Butler's acceptance came as a complete surprise to republicans and monarchists alike. Monarchist reactions suggest that the appointment caught them off-guard.
But many republicans were probably even angrier. For some this was the ultimate sell-out, not unlike Jack Egerton, the Queensland labour movement leader who accepted a knighthood from Joh Bjelke-Petersen in the 1970s.
Butler was a turncoat who had become a Queen's representative. Some thought it was a disaster for the republican movement. How could such an advocate fall for this? Some republicans also thought it was just plain stupid of Butler to accept the offer. Did he need the money? Had he been seduced by the prospect of the 73-room Gothic mansion set on 15 hectares overlooking the Derwent River?
After all this was not just any republican taking on such a position but a leading figure. Along with Robert Hughes, Butler was the person who more than any other assisted ARM leader Malcolm Turnbull fund the campaign by speaking at large fundraising dinners in Sydney prior to the 1999 referendum. Butler suffered considerable sniping from monarchists for his efforts.

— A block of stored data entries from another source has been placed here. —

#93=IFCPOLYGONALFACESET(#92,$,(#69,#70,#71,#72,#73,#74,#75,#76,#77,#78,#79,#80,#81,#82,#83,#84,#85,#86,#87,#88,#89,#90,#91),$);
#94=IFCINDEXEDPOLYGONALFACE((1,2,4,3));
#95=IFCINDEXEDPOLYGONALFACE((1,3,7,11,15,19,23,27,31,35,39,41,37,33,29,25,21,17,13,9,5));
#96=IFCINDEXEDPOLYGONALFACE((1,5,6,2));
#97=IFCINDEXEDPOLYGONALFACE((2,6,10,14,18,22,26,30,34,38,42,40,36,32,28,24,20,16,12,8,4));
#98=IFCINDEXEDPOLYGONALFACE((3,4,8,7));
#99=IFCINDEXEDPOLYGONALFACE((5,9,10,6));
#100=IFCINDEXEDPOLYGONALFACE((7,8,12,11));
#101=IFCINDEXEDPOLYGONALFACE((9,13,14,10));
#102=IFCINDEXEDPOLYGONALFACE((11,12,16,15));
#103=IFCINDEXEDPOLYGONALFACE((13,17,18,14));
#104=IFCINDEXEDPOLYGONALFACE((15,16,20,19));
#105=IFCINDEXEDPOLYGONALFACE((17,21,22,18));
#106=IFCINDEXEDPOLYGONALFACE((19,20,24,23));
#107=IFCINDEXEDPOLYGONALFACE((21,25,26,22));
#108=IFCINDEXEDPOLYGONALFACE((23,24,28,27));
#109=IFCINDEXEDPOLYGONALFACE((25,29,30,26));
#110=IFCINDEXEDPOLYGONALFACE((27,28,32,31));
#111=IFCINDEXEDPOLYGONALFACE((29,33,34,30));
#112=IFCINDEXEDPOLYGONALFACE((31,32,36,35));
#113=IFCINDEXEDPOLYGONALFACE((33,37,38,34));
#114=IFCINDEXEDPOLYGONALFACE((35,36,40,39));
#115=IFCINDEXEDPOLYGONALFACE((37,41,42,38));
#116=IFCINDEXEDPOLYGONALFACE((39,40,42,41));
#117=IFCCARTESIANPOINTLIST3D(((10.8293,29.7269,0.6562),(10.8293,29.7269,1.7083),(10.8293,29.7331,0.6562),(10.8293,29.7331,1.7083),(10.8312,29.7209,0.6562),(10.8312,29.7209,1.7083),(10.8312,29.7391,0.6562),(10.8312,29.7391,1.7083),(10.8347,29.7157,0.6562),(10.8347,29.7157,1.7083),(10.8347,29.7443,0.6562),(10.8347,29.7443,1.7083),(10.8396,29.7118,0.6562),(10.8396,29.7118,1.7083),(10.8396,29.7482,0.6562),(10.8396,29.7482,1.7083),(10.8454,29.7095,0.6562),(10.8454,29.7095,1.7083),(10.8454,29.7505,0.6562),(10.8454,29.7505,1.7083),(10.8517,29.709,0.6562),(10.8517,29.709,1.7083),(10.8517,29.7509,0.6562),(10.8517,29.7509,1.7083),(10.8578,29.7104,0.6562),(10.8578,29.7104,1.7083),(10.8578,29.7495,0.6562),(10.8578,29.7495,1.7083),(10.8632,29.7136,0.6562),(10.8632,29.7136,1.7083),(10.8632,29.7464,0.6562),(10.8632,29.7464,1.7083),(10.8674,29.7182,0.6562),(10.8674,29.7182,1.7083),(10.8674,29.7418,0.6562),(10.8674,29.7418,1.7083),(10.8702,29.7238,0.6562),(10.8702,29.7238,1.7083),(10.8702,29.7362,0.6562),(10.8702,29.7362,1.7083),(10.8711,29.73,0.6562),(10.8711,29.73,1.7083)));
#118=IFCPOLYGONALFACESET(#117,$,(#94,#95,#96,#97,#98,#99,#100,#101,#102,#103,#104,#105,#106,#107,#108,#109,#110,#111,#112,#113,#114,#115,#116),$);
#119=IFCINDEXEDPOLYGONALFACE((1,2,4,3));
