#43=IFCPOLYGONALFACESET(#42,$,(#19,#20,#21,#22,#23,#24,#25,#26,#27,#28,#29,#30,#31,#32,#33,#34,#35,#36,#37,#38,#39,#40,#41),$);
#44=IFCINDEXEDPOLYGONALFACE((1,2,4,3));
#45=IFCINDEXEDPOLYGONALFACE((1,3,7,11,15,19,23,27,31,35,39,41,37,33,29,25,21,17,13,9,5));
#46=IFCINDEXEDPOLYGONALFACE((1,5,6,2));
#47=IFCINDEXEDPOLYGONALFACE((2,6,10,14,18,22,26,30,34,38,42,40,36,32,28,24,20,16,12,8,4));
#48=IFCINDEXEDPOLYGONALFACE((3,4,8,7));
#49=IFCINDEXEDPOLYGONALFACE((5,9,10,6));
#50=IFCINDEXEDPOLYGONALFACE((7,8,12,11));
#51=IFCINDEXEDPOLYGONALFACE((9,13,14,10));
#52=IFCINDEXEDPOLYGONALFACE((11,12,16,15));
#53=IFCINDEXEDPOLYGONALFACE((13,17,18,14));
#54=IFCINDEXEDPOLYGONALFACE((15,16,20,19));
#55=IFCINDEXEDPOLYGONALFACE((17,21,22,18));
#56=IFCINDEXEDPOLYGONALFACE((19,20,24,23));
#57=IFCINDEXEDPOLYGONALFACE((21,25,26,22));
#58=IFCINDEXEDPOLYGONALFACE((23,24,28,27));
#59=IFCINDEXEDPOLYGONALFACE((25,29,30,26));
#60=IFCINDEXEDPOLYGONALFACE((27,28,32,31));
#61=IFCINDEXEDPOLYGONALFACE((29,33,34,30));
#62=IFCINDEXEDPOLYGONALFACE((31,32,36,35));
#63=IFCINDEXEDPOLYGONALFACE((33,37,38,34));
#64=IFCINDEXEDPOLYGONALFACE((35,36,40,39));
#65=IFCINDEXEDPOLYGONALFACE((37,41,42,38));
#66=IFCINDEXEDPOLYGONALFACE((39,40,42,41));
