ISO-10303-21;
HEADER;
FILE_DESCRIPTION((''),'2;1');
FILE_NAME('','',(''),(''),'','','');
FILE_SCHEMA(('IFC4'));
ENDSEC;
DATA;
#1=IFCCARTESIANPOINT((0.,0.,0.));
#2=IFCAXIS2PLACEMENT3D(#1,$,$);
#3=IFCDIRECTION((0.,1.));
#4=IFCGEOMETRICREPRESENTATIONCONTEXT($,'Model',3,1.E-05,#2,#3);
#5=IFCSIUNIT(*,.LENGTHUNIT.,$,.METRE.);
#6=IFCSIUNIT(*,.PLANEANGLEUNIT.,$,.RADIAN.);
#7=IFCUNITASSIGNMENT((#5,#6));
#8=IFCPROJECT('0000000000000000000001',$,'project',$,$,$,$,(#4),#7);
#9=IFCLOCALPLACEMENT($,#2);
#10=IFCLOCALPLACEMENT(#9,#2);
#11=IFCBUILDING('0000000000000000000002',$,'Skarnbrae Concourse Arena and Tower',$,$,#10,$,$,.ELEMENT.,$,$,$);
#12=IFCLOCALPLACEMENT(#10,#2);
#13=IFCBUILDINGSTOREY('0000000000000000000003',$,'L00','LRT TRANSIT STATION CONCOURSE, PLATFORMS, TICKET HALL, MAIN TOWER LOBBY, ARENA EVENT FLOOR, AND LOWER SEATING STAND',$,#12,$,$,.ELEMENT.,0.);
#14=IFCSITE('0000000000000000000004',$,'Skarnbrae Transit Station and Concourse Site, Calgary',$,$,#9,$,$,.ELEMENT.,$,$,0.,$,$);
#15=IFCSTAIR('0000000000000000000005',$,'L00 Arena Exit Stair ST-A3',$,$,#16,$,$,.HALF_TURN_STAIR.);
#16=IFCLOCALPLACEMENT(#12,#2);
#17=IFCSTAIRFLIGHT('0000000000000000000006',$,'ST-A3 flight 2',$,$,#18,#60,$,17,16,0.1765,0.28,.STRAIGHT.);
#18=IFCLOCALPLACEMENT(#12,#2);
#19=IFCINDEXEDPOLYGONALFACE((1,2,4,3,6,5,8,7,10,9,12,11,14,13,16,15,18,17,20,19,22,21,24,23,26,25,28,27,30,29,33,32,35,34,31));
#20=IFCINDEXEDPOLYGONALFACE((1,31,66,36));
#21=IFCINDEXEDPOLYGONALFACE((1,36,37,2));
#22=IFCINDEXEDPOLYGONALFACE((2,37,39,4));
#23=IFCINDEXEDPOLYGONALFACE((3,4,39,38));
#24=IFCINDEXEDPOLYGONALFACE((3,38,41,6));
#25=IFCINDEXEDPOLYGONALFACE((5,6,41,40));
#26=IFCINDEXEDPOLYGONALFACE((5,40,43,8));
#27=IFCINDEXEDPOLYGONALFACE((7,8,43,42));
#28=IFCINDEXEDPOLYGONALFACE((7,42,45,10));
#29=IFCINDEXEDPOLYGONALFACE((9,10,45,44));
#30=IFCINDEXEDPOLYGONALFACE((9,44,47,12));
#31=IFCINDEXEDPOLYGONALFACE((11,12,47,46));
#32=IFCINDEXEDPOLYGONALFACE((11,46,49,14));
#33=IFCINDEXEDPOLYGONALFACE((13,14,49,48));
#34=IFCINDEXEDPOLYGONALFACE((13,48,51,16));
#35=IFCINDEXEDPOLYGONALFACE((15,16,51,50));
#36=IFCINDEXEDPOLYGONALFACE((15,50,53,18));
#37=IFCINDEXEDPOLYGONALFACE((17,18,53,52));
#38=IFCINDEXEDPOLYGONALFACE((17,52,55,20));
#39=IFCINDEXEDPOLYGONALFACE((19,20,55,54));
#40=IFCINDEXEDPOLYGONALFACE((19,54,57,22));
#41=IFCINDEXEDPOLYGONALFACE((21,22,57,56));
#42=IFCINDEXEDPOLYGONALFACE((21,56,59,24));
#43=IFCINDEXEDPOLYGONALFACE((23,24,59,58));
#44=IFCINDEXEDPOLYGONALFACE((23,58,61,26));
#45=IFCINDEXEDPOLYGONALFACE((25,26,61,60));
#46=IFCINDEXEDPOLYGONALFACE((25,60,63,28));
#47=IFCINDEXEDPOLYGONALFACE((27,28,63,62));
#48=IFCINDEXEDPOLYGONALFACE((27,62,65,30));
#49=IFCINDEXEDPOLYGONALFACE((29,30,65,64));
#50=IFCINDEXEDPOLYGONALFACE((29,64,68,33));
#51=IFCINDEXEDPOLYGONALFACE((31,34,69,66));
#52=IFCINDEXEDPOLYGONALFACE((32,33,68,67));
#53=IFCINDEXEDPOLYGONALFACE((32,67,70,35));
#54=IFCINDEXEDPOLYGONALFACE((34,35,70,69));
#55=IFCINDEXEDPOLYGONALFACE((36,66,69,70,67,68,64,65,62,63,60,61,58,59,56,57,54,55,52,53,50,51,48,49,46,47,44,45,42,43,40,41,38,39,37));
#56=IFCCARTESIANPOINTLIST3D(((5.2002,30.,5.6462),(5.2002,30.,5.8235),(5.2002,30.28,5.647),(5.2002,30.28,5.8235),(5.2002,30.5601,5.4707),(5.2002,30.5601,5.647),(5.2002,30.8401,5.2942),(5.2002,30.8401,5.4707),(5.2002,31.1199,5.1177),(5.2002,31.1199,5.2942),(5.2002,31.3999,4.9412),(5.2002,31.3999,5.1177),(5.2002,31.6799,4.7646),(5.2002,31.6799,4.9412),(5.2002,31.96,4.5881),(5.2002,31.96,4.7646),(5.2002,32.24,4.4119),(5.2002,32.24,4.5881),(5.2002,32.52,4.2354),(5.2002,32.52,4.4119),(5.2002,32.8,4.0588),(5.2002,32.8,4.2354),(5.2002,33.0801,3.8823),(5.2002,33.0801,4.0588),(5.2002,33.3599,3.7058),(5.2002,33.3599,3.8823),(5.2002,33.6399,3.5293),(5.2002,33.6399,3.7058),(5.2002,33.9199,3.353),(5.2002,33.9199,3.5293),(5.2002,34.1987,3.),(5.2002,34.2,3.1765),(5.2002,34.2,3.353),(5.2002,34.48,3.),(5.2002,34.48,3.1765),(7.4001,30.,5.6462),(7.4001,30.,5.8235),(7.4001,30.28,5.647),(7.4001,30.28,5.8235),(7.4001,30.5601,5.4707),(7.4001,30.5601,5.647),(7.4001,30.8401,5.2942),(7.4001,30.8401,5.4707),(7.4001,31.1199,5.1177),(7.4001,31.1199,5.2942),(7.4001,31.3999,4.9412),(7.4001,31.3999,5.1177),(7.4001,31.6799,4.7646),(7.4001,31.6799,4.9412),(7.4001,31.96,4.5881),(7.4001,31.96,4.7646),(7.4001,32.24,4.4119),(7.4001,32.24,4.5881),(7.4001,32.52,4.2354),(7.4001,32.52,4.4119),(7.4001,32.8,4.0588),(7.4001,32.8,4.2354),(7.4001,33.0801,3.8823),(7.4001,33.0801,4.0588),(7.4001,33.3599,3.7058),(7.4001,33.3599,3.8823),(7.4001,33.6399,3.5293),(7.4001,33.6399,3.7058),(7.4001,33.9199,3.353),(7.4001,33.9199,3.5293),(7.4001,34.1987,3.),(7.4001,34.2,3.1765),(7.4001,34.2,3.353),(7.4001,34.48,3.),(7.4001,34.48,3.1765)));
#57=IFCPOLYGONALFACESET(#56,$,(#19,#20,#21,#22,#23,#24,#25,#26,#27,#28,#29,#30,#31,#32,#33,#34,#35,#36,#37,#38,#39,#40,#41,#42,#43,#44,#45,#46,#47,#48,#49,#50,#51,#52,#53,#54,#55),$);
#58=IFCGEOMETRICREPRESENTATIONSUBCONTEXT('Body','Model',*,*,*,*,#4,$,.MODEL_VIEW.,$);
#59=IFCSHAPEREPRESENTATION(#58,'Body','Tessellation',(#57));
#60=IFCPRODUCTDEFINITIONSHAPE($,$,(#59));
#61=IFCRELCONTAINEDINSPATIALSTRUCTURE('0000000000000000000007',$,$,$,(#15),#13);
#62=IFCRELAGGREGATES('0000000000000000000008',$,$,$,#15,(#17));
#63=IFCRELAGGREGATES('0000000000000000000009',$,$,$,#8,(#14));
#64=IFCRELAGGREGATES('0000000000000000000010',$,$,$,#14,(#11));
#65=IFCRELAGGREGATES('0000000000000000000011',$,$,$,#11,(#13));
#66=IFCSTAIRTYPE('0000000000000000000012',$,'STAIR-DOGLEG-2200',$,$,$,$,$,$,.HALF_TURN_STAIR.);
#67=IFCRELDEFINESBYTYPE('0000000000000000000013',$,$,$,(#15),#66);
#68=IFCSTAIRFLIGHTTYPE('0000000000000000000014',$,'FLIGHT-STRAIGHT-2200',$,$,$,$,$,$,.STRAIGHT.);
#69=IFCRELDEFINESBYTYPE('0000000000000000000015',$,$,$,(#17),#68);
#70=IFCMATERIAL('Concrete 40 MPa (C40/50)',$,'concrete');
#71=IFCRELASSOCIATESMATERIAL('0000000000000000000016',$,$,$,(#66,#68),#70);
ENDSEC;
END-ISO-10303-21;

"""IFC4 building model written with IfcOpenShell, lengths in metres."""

from ifc_helpers import new_model, si_unit, direction, frame, origin, place, context, subcontext, project, spatial, polyline, outline, extrude, source, transform, mapped, material, type_object, element, aggregate, save


model = new_model("IFC4")

# Units and contexts
model_context = context("Model", 3, precision=1e-05, world=origin(), true_north=direction((0.0, 1.0)))
body_context = subcontext(model_context, "Body", "Model", "MODEL_VIEW")
ifc_project = project(units=[si_unit("LENGTHUNIT", "METRE"), si_unit("PLANEANGLEUNIT", "RADIAN")], contexts=[model_context])

# Site, building, storey
site_placement = place(None, origin())
site = spatial("IfcSite", under=ifc_project, at=site_placement, Name="Skarnbrae Transit Station and Concourse Site, Calgary", CompositionType="ELEMENT", RefElevation=0.0)
building_placement = place(site_placement, origin())
building = spatial("IfcBuilding", under=site, at=building_placement, Name="Skarnbrae Concourse Arena and Tower", CompositionType="ELEMENT")
storey_placement = place(building_placement, origin())
storey = spatial("IfcBuildingStorey", under=building, at=storey_placement, Name="L00", Description="LRT TRANSIT STATION CONCOURSE, PLATFORMS, TICKET HALL, MAIN TOWER LOBBY, ARENA EVENT FLOOR, AND LOWER SEATING STAND", CompositionType="ELEMENT", Elevation=0.0)

# Stair, stair flight
ifc_material_1 = material(Name="Concrete 40 MPa (C40/50)", Category="concrete")
stair_type = type_object("IfcStairType", Name="STAIR-DOGLEG-2200", PredefinedType="HALF_TURN_STAIR", material=ifc_material_1)
stair_placement = place(storey_placement, origin())
stair = element("IfcStair", 1, at=stair_placement, inside=storey, type_object=stair_type, Name="L00 Arena Exit Stair ST-A3", PredefinedType="HALF_TURN_STAIR")
stair_flight_type = type_object("IfcStairFlightType", Name="FLIGHT-STRAIGHT-2200", PredefinedType="STRAIGHT", material=ifc_material_1)
shared_shape_1 = source(origin(), body_context, "Body", "SweptSolid", [
    extrude(outline(polyline([(0.0, 0.0), (0.0, 0.1765), (0.28, 0.1765), (0.28, 0.353), (0.5601, 0.353), (0.5601, 0.5293), (0.8401, 0.5293), (0.8401, 0.7058), (1.1201, 0.7058), (1.1201, 0.8823), (1.3999, 0.8823), (1.3999, 1.0588), (1.6799, 1.0588), (1.6799, 1.2354), (1.96, 1.2354), (1.96, 1.4119), (2.24, 1.4119), (2.24, 1.5881), (2.52, 1.5881), (2.52, 1.7646), (2.8, 1.7646), (2.8, 1.9412), (3.0801, 1.9412), (3.0801, 2.1177), (3.3601, 2.1177), (3.3601, 2.2942), (3.6399, 2.2942), (3.6399, 2.4707), (3.9199, 2.4707), (3.9199, 2.647), (4.2, 2.647), (4.2, 2.8235), (4.48, 2.8235), (4.48, 3.0), (4.48, 2.6462), (0.2812, 0.0), (0.0, 0.0)])), frame((0.0, 1.1001, 0.0), z_axis=(0.0, -1.0, 0.0), x_axis=(1.0, 0.0, 0.0)), (0.0, 0.0, 1.0), 2.2),
])
stair_flight_placement = place(storey_placement, frame((6.3, 34.48, 3.0), z_axis=(0.0, 0.0, 1.0), x_axis=(0.0, -1.0, 0.0)))
stair_flight = element("IfcStairFlight", 2, at=stair_flight_placement, type_object=stair_flight_type, Name="ST-A3 flight 2", NumberOfRisers=17, NumberOfTreads=16, PredefinedType="STRAIGHT", RiserHeight=0.1765, TreadLength=0.28, context=body_context, shape_type="MappedRepresentation", body=[
    mapped(shared_shape_1, transform((0.0, 0.0, 0.0))),
])
aggregate(stair, [stair_flight])

save(model, "model.ifc")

Yet the reality of this appointment for the republican movement is quite different. What monarchists think doesn't matter on this occasion. The movement has lost Butler to a public office that probably prevents him playing an advocacy role. But that role had largely run its course anyway and the movement is moving in a different direction. The debate surrounding Butler's appointment has led to another bout of serious attention to the republican cause. Butler has stuck to his republican guns. Just weeks after
the appointment of the monarchist Governor-General Michael Jeffrey this has been a healthy antidote.

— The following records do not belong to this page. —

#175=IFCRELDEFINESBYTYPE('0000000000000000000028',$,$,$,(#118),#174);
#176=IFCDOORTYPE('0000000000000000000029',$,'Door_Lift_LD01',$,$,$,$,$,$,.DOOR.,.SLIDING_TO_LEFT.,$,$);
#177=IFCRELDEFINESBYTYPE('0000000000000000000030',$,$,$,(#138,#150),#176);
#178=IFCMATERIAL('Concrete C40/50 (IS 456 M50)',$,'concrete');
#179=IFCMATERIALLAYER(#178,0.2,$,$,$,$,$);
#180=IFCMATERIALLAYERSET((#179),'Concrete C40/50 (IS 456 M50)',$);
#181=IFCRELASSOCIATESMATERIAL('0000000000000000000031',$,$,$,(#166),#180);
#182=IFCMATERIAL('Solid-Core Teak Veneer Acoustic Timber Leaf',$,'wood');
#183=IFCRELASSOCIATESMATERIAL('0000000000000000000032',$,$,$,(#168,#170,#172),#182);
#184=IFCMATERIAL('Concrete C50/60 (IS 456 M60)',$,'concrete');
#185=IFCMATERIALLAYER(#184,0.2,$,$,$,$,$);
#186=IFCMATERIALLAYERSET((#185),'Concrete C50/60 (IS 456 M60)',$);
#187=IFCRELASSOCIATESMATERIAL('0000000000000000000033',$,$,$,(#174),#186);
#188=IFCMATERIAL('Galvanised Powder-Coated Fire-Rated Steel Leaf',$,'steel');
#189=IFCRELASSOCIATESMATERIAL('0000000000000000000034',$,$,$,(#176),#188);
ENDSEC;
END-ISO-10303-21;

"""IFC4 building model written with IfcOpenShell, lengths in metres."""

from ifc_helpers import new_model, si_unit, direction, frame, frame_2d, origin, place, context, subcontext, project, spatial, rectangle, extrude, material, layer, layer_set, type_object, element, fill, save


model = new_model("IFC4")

Though even Jeffrey's own appointment was coloured by his assertion that the republic would rise again on the public agenda within five years.
Australians are republican in spirit. 70% of Australians are republican as a matter of principle. We are governed at the state level by eight leaders of a party committed to a republic. It has been Labor party policy for twenty years. Most of the Opposition leaders are also republicans. Under these circumstances Butler won't be the only republican governor either now or in the near future. With many of the others a "don't ask, don't tell" approach has been adopted already, like the position of gays in the American military.
Very few republicans aspire to hold a Vice-Regal position. Personally I hope that Butler is the last prominent republican to become a Governor while Australia remains a constitutional monarchy. But in saying that I accept that Australian society and government pre-republic will be the poorer if the talent pool for such positions is restricted to either crusty old monarchists or closet republicans who haven't had the inclination or the energy to publicly support the cause.
The irony is stunning. There is also something exhilarating about having Queen's representatives in Australia who are declared republicans. What a wonderful creative tension about our constitutional arrangements such a situation will bring about.